A recent spam scam is offering an online system to find prostitutes, warn security researchers.

The spam mail does not contain any malware and the Web site it links to does not either have a malicious code. Despite that users could land up in major trouble by following the link in such types of e-mails, says Graham Cluley, senior technology consultant at Sophos.

The risk is that users acting dumbly and clicking on such types of links could be playing with real danger. Although the site apparently is non-malicious but there are chances it had hosted malware in the past.
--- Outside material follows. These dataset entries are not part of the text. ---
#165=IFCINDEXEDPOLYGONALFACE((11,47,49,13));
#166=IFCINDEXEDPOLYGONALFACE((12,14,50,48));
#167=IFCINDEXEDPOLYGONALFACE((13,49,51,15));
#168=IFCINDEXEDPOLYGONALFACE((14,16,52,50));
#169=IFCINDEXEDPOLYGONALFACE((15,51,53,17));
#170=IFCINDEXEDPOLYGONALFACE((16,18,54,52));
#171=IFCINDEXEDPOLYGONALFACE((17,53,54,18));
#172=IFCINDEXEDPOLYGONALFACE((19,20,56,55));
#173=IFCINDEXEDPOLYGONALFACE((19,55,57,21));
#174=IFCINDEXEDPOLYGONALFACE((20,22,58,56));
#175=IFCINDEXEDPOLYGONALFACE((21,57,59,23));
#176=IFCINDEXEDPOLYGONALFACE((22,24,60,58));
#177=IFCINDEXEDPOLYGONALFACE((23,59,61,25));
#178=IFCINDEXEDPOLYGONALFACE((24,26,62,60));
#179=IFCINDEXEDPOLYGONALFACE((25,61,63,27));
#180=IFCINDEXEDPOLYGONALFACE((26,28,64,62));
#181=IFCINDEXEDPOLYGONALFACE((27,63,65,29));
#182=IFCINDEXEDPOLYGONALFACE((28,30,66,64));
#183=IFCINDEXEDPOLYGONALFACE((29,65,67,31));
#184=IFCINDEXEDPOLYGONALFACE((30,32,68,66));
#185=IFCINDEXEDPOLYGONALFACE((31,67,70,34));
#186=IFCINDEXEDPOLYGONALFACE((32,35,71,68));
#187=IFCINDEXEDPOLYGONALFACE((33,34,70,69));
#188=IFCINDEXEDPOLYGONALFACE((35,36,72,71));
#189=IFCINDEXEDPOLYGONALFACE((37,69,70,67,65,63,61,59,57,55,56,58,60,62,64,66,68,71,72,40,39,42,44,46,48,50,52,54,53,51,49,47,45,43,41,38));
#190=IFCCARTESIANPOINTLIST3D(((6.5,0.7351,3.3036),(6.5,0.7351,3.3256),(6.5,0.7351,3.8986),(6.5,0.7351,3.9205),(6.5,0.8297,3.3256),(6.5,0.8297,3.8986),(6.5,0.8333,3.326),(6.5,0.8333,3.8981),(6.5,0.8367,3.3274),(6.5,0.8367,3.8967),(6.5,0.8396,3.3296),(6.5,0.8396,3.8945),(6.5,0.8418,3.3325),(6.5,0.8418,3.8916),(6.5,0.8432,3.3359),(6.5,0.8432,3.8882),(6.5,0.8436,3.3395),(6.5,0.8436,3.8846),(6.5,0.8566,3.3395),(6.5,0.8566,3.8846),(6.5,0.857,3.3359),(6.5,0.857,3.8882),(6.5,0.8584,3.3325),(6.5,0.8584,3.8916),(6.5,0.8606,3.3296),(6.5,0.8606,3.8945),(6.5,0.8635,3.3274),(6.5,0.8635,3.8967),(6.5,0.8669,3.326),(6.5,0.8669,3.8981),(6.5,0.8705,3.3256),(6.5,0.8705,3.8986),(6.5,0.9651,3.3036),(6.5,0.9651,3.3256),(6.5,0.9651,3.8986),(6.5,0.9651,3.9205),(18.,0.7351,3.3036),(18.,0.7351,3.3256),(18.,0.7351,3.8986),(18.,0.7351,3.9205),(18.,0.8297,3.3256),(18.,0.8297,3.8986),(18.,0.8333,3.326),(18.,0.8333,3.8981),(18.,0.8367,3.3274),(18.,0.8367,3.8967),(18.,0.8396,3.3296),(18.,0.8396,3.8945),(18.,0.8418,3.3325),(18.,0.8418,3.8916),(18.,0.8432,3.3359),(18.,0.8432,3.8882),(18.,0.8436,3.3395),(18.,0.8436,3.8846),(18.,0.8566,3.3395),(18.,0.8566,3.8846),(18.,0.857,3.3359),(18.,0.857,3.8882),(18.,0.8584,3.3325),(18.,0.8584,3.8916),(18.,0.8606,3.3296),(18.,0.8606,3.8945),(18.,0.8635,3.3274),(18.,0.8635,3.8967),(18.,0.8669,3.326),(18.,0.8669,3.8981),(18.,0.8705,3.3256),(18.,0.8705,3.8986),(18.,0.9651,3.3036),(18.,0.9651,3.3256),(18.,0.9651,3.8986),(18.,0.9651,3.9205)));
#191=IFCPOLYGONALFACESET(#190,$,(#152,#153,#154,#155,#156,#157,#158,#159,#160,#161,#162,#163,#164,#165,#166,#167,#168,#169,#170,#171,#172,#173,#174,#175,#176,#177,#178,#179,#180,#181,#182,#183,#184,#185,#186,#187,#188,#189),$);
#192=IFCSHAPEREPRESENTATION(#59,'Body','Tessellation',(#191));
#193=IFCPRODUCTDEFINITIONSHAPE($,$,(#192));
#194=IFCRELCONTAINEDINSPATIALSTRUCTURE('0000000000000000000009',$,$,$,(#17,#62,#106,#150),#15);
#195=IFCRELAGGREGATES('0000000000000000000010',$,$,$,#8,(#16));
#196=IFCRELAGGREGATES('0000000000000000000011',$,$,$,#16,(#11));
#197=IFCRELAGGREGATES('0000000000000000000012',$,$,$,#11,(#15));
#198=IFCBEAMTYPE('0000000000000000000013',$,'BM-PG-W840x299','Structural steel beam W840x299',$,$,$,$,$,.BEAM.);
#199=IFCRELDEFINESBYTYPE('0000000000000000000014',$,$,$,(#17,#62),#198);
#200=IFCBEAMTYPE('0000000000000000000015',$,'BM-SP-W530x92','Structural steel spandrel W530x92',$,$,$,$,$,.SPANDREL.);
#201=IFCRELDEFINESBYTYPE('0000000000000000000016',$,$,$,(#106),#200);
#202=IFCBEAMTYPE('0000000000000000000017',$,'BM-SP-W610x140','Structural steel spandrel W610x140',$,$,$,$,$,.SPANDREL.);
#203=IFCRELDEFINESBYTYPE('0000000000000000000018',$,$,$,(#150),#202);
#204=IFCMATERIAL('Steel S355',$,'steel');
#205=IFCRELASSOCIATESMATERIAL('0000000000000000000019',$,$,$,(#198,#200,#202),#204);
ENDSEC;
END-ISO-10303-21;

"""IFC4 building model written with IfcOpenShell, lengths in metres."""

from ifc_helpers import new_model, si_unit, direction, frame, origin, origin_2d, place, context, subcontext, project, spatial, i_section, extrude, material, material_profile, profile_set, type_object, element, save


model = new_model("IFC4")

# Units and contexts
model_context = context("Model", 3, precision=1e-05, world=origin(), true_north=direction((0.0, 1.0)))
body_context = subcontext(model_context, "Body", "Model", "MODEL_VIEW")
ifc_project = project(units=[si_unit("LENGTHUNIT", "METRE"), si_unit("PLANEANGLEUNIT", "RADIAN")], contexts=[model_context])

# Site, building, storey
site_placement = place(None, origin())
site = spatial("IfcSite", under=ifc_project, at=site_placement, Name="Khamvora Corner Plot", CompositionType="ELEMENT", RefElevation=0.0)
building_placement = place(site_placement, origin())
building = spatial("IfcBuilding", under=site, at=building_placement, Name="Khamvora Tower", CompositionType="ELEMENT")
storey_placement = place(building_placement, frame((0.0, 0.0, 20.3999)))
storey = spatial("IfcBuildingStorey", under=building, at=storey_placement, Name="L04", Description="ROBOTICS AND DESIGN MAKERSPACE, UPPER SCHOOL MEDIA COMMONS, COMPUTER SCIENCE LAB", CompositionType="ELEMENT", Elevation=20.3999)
People should realize that responding to spam mails only emboldens spammers to send further spam - something that all e-mailers dislike, said Cluley. InformationWeek published Cluley's reasoning as news on May 8, 2007.

The spam mail shows a subject line as "finding a girl in your town", and contains a graphic that has a Web link. As per many sentences of the random text message, recipients need to type the URL on the Web browser. According to an advisory, researchers at Sophos noted that spammers frequently use both features to evade not very sophisticated anti-spam programs.

Cluley thinks the e-mail demonstrates pimps too as familiar with the Internet as any other user. There have been a lot of pornographic spam e-mails previously but selling goods made of 'flesh and blood' has been rare, according to Cluley. Crn Australia published this in news on May 9, 2007.

Sophos, in March 2007, warned of some kind of spam e-mails that purported to make free pornography available to recipients. The e-mails contained phrases like 'hot photos from my birthday'. They also included a URL, which directed the user to a malicious site hosting a Trojan program called Pushu-A. The Trojan was designed to steal users' personal information from their infected PCs.

Sophos said the Web site encouraged visitors to download what they thought would be hardcore adult images in an archive folder. But in the ongoing investigations, experts at SophosLabs found photographs, which neither related to the spam e-mails not to the malware in the site.